Ross Esmond

Code, Prose, and Mathematics.

portrait of myself, Ross Esmond
Written — Last Updated

Information

Information is program data that was collected from outside that program, otherwise known as the programs environment. Information is distinct from other data in that it cannot be redirived if lost. Information may come from a user, a sensor, or another program. A program that provides information could be a server across a network or another function in the same application, depending on what code is being treated as the program and what code is being treated as the environment. In database design, information is the data worth saving, in distributed systems, it is the data worth sychronizing, and in application design, it is the data worth storing mutably.

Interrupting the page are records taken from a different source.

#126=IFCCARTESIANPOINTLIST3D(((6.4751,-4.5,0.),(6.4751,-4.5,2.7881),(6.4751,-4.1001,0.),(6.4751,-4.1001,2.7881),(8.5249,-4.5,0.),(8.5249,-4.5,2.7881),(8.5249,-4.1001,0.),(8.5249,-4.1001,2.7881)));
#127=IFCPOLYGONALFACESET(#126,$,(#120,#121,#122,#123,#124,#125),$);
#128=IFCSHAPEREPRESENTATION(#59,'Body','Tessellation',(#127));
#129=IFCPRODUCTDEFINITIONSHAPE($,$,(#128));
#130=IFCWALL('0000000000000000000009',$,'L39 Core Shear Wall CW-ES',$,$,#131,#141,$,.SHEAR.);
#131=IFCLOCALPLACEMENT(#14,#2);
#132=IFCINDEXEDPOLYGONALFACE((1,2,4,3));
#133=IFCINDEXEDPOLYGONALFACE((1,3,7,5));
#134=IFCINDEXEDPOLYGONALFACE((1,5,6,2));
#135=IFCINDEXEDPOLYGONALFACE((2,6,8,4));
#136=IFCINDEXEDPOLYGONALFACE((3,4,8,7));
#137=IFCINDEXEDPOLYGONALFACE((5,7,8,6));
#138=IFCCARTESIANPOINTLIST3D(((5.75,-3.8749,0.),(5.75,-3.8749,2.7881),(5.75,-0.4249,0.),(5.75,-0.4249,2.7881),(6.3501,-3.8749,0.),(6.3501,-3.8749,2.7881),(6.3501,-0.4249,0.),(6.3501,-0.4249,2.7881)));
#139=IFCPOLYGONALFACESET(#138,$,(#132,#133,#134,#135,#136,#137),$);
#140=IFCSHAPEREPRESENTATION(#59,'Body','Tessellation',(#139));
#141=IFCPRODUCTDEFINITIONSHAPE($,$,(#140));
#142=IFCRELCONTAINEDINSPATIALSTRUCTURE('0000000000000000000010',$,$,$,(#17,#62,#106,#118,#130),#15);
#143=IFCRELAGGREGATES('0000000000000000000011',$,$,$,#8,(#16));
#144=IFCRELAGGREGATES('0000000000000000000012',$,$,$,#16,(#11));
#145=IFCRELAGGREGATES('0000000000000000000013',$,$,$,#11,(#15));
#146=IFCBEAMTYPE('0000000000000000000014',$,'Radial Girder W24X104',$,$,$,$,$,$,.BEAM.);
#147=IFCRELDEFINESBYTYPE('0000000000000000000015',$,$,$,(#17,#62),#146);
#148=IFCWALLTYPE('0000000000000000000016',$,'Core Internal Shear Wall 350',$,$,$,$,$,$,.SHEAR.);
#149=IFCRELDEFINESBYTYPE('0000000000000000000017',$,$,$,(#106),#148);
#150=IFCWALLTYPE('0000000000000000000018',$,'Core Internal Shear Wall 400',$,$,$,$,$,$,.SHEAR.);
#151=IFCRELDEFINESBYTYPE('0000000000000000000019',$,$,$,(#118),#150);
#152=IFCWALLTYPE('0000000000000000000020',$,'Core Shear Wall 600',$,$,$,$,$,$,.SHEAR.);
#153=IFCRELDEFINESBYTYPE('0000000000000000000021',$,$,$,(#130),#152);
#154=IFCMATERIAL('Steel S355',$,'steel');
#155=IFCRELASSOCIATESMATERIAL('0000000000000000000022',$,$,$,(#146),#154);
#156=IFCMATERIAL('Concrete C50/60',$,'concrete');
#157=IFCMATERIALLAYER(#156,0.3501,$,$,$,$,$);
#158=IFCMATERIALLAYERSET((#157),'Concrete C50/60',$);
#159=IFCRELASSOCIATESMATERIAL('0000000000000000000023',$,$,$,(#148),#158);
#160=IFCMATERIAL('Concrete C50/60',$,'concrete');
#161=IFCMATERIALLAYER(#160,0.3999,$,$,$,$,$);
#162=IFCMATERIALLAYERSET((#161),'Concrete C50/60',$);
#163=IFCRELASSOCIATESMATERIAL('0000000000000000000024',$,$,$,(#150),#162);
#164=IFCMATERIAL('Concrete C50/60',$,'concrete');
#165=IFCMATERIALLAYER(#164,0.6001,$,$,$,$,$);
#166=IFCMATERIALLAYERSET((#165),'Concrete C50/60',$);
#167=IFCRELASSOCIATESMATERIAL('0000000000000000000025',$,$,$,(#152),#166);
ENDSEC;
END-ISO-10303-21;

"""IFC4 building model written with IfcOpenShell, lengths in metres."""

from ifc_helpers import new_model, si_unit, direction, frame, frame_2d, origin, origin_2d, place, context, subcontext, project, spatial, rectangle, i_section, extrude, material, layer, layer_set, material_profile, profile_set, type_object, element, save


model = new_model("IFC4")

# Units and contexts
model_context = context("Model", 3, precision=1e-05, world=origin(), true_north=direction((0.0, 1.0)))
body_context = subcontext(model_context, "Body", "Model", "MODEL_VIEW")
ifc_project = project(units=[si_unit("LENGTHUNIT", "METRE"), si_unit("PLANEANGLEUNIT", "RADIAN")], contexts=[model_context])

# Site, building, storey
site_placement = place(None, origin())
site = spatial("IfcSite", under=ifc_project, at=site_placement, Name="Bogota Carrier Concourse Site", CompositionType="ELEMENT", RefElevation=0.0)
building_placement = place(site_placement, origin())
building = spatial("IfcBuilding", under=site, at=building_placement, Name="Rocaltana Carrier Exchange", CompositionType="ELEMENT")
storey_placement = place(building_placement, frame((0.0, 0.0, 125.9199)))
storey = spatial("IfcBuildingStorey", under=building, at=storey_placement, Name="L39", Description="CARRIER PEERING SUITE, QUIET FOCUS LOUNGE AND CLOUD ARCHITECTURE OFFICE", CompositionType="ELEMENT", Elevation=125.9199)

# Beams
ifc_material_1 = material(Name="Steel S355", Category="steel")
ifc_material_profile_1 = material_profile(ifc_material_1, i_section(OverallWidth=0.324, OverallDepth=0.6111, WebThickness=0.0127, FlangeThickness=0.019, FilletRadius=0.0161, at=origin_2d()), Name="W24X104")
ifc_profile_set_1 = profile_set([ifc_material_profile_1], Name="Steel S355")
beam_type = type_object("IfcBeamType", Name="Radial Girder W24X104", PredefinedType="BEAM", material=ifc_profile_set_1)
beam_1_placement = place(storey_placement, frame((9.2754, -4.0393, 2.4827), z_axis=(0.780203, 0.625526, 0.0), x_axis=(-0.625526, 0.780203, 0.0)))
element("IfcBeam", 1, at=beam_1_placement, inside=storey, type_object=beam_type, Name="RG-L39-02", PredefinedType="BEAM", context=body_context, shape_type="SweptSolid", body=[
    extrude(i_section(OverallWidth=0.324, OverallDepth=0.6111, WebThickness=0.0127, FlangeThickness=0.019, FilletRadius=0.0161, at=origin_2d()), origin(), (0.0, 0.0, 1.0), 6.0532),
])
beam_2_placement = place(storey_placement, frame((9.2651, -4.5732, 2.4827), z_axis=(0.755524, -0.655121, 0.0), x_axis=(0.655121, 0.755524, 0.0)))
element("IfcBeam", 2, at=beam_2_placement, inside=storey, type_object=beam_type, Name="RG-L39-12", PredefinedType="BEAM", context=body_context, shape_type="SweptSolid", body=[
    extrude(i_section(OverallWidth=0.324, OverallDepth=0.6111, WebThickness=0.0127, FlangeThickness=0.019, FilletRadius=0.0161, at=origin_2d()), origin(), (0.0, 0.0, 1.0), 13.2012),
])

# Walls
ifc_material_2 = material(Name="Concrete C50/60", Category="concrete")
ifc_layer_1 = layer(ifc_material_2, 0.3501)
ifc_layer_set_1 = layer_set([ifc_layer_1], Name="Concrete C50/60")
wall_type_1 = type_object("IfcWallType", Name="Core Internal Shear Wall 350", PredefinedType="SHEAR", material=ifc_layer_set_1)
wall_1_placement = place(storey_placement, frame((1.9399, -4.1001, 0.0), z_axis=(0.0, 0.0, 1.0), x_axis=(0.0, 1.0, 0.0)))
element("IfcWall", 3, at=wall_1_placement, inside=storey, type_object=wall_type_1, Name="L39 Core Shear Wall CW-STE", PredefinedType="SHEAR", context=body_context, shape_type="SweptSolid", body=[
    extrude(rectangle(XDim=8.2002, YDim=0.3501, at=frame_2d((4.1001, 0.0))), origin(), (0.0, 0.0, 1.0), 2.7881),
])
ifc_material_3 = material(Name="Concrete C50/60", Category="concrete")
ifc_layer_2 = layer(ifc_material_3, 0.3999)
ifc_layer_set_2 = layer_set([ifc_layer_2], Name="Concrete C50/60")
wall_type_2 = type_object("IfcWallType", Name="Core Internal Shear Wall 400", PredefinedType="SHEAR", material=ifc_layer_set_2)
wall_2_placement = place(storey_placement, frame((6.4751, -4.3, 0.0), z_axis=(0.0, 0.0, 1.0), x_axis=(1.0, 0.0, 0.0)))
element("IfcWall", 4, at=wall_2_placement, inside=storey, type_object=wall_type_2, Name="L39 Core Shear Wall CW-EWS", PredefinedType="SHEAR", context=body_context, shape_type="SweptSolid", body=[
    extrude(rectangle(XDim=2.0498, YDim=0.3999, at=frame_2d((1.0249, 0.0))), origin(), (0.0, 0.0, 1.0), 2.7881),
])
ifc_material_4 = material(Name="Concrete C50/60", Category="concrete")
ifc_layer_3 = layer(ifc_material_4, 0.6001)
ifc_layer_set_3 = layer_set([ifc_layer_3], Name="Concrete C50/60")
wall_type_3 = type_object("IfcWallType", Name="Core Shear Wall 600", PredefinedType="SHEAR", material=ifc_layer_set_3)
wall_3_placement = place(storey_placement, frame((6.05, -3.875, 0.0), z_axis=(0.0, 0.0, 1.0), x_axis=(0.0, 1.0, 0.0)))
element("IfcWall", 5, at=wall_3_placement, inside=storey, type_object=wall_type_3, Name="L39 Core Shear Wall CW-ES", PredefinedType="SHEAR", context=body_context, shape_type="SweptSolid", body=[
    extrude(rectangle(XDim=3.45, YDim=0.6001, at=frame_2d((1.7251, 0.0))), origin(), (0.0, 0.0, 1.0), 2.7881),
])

Information is independent of representation

Information and program values have a corespondence—information is represented as values—but the infromation and the representation are distinct. If a phone number 7635553503 is represented as the string as “(763)555-3503”, the information in the phone number hasn’t changed. Changing a digit, on the other hand, does change the information of the phone number.

Information then only changes if it cannot be derived from the value. If $i \in I$ is some information, and $d \in D$ is some data that represents $i$, then there must exist some $f$ such that $f(d) = i$. If $g : D \to E$ is some transformation on the data $d \in D$ to some form $e \in E$, then $d$ and $e$ represent the same information $i$ if and only if there exists $h : E \to I$ such that $f(d) = h(e)$. This does not mean that the function $f$ is injective. Take, for instance, the case of parsing a phone number for digits, such that both (763)555-3503 and 763-555-3503 become 7635553503. If the information is considered to be the digits of the phone number, then this conversion does not change the information of the data, despite not being injective, and therefore not being invertible.

This distinction of information from its representation leads to the law of conservation of information.

Conservation of Information: Information cannot be created or changed by a program. It may only be lost.

Sources of Information, and changing Information

One source of information is the real world, which includes user input, sensor readings, and random numbers—the last of which must be included for consistency. All of these sources will often be modeled as mutable values, such that the information source is allowed to change said information. Though the temparature at precicely 9:00 AM cannot change, the current temperature can, and so a value that represents the current temperature may need to be mutated. The new temperature can be considered an update to existing information. In this way, information can change, just not without updates from outside the program.

The other source of information is other programs, though this list is even more expansive. “Program,” in this context, may refer to either a separate application or another section of the same application, like another function. When analyzing information you must define the boundary of your “system”—the section of code for which all outside data is information. When analysing a function, all arguments to the function hold information, even if this data did not originate from outside the collective program. When analysing a stack of microservices, on the other hand, information would need to come from outside the cluster of programs entirely, such as from a user or a service not considered in the system.

Storage of Information

Since information cannot be salvaged once lost, it must be stored in some durable form. Information is the only data that requires durability, as all other data may be redirived, and therefore deleted without loss. In addition, if two chunks of data represent the same information, then only one must be retained, as the other may always be derived from the first. If the second chunk of data represents a reduction of the first, then retaining only the second chunk would result in a loss of information. This realization is helpful for designing programs that use Minimal Essential State. If a program were to only retain the data that it was given from the outside world, that program could lose all other data and still function.

The ultimate purpose of Information

Programs do not exist to be black holes for Information. That Information must serve a purpose, or there would be no reason to injest it, and that purpose must always, ultimately, be framed in terms of the programs effect on its environment. The ways in which Information is used closely mirror the sources of Information. Information may be displayed to a user, be used in the control of a machine, or be sent to another program. Of course, often the data that is used in these applications is computed from said Information, but all Information must serve some downstream purpose to the programs environment, either immediate or eventual. Any data that serves no ultimate purpose, as in, data that will never affect the way the program interacts with its environment, should not be retained as information. This distinction can help to determine what data to keep and what data to dispose of.

Sometimes, however, Information will serve a temporary purpose, referred to as ephemeral information. This data alters the way a program injests information or helps in the programs interaction with its environment, but with no applicability to future operation. For interfacing with a user, this would include the selection state of text, which only serves to help edit the textual information, and the users scroll position, which only serves to help the user navigate other information. Similarly, there exists ephemeral information for interacing with sensors and other programs. For instance, devices and programs often provide status updates that hold only temporary relevance to your program. This ephemeral information may be stored, utilized, and disposed of when it is no longer useful.